Academy of Scientific and Innovative Research (AcSIR), Ghaziabad, India.
Central Scientific Instruments Organisation, Chandigarh, India.
Phys Eng Sci Med. 2023 Sep;46(3):1259-1269. doi: 10.1007/s13246-023-01293-w. Epub 2023 Jul 3.
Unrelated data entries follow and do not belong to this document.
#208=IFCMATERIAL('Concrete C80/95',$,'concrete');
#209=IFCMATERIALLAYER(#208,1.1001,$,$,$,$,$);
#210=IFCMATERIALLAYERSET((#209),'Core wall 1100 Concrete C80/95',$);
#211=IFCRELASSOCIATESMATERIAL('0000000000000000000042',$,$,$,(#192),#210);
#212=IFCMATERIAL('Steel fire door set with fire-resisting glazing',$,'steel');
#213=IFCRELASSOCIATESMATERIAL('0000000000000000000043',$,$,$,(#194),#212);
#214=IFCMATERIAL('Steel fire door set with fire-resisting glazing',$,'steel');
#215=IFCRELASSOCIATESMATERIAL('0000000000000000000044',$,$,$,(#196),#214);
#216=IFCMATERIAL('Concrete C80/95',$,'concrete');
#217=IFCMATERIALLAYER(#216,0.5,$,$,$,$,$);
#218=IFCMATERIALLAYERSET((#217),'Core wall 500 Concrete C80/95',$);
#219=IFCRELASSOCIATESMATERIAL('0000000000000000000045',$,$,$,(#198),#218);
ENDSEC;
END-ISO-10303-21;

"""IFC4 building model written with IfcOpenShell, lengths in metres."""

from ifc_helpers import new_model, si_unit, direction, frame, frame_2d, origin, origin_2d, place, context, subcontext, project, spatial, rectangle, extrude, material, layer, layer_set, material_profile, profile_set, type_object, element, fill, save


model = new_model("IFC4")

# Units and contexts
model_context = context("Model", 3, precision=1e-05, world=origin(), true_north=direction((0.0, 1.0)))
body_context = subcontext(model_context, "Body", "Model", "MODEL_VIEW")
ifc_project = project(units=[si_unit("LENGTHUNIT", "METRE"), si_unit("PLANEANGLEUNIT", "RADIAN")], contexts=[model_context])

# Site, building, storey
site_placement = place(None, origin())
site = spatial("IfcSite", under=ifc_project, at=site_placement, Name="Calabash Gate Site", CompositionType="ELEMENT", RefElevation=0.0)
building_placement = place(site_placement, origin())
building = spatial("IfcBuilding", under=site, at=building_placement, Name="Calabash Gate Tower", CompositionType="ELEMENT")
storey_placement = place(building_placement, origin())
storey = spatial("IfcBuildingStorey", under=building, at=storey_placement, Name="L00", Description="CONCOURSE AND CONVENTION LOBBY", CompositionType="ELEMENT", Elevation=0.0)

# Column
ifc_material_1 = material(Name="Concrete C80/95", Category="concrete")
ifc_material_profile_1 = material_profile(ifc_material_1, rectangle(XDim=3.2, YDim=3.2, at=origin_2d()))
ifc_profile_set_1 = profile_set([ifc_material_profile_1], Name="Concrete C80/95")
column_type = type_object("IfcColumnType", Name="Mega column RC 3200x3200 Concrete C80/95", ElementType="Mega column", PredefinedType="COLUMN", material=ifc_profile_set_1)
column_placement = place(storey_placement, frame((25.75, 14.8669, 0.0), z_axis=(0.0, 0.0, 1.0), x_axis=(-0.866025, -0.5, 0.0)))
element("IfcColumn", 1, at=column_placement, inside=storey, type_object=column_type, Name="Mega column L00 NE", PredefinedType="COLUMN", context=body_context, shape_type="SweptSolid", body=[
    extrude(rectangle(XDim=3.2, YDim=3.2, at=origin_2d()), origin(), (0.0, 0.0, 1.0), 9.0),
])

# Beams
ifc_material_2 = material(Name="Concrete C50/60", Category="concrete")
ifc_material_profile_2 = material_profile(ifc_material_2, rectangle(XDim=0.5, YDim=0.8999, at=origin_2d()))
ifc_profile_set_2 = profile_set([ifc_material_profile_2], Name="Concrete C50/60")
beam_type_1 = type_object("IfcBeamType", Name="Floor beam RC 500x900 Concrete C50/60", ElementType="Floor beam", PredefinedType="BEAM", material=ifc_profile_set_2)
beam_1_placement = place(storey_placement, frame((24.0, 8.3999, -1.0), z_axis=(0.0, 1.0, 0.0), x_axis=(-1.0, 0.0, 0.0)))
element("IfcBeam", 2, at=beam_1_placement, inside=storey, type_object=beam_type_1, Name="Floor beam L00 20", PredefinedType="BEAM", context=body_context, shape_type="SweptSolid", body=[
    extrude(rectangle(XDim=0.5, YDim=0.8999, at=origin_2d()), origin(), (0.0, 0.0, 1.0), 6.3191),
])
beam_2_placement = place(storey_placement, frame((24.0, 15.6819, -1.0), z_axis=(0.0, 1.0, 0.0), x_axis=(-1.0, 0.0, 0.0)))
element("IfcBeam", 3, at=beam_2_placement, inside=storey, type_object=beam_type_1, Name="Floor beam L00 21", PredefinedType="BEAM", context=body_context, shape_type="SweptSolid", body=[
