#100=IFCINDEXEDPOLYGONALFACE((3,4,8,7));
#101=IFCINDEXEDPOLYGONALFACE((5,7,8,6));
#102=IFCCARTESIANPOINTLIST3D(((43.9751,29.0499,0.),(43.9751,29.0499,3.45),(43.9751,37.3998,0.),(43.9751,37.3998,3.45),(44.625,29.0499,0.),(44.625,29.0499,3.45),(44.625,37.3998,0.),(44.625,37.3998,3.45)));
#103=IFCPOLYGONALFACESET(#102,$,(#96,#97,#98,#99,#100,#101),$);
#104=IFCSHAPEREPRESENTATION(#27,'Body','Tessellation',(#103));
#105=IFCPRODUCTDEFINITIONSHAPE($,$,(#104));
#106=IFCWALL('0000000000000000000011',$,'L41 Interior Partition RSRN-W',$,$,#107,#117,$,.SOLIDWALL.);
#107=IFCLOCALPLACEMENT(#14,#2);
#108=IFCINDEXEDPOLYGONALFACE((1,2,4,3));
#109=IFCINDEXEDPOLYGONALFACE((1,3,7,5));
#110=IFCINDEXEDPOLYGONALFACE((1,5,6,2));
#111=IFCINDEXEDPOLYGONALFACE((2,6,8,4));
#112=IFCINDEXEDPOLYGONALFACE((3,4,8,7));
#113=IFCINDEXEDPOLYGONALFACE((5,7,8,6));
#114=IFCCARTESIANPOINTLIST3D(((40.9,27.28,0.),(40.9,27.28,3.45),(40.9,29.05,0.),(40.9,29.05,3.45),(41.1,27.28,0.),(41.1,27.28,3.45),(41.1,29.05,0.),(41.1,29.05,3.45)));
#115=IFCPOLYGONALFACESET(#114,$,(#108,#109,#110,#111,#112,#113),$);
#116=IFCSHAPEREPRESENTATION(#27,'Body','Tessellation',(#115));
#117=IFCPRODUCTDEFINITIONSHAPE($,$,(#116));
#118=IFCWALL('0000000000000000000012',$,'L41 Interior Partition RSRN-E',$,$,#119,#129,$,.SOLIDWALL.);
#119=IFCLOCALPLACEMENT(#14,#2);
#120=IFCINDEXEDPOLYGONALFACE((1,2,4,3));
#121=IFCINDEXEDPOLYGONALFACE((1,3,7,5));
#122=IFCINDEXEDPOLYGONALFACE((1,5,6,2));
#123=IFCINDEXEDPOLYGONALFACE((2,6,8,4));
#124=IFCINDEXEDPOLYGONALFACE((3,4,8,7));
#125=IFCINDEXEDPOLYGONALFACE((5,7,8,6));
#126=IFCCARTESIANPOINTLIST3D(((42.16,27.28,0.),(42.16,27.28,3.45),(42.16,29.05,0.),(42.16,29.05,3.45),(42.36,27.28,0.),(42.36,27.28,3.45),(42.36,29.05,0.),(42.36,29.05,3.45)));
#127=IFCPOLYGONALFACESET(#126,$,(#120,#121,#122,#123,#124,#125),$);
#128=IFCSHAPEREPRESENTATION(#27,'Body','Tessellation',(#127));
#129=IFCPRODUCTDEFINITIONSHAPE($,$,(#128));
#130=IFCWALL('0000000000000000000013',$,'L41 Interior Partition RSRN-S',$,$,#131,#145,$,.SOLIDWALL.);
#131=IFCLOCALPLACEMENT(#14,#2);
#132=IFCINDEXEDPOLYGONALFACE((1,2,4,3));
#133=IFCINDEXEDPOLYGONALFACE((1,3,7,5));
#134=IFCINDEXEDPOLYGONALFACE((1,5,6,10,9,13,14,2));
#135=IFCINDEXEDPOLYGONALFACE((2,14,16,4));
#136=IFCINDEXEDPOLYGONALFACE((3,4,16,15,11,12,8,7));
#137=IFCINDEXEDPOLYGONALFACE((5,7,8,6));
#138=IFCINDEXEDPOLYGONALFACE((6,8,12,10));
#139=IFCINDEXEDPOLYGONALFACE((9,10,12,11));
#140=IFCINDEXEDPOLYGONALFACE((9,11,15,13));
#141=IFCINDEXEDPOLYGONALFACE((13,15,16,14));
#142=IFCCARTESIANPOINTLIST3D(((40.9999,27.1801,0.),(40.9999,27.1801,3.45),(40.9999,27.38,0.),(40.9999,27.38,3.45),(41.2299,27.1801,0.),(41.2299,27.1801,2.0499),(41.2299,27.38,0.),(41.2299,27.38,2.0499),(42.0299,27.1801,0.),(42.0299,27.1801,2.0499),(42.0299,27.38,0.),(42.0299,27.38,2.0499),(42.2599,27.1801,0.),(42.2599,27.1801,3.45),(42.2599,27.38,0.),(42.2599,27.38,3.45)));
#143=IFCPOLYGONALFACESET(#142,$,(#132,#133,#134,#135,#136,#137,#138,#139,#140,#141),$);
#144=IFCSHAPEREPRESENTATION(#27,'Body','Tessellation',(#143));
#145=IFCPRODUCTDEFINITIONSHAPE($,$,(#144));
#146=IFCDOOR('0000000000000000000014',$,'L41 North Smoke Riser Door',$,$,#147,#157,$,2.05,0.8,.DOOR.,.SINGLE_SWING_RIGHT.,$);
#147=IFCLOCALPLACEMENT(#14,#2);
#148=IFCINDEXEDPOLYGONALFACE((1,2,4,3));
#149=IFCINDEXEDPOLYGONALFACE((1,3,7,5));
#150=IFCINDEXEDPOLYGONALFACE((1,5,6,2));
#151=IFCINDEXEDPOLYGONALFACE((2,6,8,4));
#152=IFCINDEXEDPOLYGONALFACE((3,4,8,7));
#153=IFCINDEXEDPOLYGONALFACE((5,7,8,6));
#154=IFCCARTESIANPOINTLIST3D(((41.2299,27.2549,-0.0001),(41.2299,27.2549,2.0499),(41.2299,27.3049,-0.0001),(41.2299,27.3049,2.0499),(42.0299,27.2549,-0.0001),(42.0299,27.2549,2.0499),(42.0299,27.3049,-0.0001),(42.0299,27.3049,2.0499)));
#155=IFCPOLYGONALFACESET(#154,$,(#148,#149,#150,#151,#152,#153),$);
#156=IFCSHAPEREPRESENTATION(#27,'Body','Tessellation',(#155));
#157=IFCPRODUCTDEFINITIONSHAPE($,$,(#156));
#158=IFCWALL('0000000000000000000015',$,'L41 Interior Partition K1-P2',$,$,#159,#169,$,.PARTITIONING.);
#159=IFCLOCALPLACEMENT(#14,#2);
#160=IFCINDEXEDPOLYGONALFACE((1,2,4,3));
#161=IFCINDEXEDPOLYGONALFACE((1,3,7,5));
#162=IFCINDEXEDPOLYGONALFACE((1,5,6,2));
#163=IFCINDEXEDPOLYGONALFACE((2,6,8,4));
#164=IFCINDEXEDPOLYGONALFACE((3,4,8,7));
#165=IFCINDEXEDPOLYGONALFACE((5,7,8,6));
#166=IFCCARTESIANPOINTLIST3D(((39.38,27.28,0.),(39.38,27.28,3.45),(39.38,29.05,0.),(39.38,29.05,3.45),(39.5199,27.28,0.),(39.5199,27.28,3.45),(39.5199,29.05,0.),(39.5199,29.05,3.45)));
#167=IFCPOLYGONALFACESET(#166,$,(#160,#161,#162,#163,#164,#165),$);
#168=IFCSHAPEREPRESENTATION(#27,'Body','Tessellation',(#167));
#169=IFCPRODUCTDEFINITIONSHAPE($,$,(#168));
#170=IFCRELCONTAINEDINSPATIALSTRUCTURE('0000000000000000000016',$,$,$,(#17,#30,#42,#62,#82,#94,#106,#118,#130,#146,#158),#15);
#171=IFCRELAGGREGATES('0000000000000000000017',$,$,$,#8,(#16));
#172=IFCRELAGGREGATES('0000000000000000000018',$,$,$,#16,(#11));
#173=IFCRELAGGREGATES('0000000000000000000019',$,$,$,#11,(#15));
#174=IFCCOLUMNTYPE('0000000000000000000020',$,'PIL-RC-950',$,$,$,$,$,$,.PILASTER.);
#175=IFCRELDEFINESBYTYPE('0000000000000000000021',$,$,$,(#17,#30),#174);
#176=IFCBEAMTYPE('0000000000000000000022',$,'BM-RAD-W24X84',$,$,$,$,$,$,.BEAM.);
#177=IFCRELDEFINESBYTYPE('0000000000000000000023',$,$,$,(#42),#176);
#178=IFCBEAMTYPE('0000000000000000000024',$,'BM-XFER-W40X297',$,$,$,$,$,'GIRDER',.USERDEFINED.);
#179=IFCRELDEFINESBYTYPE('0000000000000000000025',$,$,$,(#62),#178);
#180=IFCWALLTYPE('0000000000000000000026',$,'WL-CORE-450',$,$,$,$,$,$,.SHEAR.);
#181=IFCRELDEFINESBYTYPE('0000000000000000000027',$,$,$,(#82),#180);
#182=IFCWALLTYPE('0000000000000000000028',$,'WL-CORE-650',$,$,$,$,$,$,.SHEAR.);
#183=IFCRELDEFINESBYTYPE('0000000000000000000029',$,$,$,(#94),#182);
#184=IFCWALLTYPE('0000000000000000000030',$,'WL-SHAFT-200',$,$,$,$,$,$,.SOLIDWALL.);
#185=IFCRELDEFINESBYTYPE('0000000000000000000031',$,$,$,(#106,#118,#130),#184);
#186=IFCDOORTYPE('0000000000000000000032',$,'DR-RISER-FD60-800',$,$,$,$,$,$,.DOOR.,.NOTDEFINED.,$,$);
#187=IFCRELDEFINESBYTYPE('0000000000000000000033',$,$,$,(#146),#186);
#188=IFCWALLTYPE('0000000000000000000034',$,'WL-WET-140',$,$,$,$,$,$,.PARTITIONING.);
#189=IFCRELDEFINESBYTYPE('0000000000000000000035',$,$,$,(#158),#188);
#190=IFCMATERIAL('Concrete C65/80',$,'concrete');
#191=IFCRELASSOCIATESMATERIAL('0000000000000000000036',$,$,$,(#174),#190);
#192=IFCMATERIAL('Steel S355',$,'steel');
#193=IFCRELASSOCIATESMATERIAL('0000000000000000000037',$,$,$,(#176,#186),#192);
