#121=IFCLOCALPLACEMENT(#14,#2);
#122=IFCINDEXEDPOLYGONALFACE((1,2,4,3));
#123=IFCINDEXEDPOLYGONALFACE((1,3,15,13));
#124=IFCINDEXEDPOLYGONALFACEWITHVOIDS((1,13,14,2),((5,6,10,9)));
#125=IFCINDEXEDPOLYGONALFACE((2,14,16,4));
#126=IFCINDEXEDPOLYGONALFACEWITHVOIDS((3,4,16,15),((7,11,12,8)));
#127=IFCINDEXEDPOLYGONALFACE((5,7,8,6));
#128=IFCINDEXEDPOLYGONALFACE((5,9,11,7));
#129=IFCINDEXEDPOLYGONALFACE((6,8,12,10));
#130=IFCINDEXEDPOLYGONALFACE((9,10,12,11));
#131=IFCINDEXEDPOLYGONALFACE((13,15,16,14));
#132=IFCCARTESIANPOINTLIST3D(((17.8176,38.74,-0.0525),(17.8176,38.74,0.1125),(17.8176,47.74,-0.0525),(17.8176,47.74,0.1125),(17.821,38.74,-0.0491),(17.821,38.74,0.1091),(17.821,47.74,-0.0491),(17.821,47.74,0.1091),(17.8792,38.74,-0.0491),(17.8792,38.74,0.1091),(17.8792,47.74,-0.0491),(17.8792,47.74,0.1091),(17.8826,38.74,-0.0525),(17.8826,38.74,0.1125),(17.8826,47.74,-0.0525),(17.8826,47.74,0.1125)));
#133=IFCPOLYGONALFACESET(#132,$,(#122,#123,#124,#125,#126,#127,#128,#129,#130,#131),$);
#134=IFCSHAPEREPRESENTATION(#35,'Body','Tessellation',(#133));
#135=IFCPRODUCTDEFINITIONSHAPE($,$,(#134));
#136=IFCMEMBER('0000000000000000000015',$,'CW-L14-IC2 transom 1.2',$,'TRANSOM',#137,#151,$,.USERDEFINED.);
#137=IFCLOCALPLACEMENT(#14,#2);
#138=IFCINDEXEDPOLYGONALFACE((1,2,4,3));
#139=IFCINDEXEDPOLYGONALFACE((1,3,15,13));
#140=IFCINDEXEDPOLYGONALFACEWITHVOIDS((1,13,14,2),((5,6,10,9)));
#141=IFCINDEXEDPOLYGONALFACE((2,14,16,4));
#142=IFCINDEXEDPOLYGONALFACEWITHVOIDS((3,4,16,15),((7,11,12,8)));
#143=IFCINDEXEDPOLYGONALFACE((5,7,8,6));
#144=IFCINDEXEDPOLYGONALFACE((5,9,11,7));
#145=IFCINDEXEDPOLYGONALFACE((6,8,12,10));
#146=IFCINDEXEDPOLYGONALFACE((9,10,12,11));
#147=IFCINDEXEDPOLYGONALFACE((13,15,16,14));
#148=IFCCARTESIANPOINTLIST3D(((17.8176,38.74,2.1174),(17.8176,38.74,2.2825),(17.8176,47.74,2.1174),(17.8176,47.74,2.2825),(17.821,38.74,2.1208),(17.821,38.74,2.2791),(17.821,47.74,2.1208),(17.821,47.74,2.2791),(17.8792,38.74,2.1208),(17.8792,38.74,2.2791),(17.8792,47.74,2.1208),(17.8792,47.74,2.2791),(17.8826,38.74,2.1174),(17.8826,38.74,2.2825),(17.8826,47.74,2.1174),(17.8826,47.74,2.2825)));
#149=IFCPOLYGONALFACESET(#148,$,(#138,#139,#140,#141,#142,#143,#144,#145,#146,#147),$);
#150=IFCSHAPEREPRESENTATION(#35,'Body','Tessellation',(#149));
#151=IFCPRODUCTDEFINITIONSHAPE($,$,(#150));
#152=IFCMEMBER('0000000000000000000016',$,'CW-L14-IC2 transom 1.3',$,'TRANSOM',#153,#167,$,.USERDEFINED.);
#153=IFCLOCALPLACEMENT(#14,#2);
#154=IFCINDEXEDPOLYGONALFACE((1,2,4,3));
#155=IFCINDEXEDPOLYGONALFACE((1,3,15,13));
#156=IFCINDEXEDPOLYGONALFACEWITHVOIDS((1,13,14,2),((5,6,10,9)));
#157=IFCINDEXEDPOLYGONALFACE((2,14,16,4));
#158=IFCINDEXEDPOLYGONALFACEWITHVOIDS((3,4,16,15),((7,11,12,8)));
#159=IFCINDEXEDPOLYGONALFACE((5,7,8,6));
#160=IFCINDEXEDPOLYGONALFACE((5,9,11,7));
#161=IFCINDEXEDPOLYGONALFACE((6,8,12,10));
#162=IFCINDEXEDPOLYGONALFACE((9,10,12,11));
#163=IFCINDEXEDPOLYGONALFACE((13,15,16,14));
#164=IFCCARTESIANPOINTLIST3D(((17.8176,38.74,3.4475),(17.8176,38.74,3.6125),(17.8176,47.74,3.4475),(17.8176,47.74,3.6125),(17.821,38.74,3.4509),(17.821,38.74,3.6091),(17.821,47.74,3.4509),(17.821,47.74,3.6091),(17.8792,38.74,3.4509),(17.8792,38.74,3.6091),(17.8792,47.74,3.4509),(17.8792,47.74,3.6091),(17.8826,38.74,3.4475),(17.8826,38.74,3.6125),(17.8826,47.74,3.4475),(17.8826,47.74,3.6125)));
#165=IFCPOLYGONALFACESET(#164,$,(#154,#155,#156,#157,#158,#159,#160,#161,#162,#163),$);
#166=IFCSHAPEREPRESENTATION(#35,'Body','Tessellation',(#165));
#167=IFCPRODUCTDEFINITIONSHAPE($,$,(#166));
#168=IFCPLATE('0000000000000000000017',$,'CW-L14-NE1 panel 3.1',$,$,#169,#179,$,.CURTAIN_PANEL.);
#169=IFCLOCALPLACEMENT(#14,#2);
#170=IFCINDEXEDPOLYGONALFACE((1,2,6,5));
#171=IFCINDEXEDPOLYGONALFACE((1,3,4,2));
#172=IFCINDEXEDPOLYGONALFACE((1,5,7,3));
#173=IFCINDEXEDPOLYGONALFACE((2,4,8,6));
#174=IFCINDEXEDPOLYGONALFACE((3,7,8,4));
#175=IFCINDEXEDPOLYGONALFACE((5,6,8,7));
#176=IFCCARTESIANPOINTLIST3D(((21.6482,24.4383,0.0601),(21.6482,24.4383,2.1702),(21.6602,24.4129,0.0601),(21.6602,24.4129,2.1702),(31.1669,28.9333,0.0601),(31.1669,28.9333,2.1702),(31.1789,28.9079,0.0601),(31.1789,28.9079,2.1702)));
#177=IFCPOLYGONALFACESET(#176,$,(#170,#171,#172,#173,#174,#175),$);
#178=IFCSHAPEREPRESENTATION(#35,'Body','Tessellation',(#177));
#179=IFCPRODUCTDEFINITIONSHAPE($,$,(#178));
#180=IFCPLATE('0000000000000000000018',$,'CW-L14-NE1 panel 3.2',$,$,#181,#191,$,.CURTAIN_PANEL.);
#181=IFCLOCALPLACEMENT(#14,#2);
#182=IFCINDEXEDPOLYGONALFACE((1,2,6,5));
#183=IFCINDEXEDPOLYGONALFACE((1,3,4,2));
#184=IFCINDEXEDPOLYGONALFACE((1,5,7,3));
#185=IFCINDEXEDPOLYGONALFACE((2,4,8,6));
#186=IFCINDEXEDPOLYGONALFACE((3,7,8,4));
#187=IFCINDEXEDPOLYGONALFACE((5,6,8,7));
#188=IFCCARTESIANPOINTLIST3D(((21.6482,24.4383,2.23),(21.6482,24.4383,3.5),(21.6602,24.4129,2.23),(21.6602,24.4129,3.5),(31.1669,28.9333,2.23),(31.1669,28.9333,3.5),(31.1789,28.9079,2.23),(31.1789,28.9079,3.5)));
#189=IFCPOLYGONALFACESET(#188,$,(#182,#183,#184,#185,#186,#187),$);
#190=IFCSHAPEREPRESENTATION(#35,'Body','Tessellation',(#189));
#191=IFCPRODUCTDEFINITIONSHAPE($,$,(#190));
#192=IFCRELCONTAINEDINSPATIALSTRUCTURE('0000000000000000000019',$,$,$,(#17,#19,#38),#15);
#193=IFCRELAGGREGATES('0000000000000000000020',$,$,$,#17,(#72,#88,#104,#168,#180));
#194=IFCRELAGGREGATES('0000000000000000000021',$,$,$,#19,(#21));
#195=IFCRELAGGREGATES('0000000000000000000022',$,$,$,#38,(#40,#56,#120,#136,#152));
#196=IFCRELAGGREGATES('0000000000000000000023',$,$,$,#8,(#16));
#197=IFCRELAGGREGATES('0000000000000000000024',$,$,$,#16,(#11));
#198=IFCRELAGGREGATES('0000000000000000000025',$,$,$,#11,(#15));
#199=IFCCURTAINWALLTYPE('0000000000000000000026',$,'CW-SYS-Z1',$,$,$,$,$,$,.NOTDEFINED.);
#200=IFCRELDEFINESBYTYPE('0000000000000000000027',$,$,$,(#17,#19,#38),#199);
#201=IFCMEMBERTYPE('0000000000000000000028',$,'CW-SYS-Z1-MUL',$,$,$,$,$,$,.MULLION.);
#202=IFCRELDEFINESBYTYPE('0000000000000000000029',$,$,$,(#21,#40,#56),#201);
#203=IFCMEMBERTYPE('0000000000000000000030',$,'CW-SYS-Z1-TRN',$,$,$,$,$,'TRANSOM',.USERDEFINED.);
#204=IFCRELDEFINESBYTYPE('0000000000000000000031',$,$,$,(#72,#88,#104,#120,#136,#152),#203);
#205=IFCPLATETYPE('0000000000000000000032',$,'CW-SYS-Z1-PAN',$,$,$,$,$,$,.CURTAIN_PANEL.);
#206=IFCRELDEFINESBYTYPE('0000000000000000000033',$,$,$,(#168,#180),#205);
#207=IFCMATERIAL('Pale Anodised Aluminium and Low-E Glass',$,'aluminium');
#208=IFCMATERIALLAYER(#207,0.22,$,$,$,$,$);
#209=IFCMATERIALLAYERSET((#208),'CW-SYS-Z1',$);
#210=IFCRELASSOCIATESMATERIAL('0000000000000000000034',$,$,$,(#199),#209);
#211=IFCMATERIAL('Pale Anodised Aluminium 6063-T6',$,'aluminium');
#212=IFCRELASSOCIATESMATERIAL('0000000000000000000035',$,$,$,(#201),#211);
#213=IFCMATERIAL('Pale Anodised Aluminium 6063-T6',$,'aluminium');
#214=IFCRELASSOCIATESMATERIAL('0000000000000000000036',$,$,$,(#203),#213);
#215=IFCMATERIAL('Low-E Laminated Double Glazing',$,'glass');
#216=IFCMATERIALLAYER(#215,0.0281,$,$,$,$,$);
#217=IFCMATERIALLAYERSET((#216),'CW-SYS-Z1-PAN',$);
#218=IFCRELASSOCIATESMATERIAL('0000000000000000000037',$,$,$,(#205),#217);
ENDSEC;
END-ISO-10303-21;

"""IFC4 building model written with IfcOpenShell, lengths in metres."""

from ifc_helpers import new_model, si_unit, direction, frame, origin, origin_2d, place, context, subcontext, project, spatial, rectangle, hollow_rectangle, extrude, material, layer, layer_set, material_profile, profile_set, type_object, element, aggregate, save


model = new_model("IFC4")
Photoplethysmography (PPG) based healthcare devices have gained enormous interest in the detection of cardiac abnormalities. Limited research has been implemented for myocardial infarction (MI) detection. Moreover, PPG-based detection of angina is still a research gap. PPG signals are not always informative. Therefore, this research work presents the use of PPG signals and their second derivative to evaluate myocardial infarction and angina using a novel set of morphological features. The obtained morphological features are fed onto the feed-forward artificial neural network for the identification of the type of MI and unstable angina (UA). The initial experiments have been carried out on non-ambulatory (public) subjects for feature extraction and later evaluated on ambulatory (self-generated) databases. The intended method attains accuracy, sensitivity, and specificity of 98%, 97%, 98% on the public database and 94%, 94%, 94% on the self-generated database. The result shows that the proposed set of features can detect MI and UA with significant accuracy.
基于光电容积脉搏波(PPG)的医疗设备在心脏异常检测方面引起了极大的兴趣。针对心肌梗死(MI)检测的研究有限。此外,基于 PPG 的心绞痛检测仍然是一个研究空白。PPG 信号并不总是提供信息。因此,这项研究工作提出了使用 PPG 信号及其二次导数,通过一组新的形态特征来评估心肌梗死和心绞痛。所获得的形态特征被输入前馈人工神经网络,以识别 MI 和不稳定型心绞痛(UA)的类型。最初的实验是在非卧床(公共)受试者上进行特征提取,然后在卧床(自我生成)数据库上进行评估。该方法在公共数据库上的准确度、灵敏度和特异性分别达到 98%、97%和 98%,在自我生成数据库上的准确度、灵敏度和特异性分别达到 94%、94%和 94%。结果表明,所提出的特征集可以以较高的准确度检测 MI 和 UA。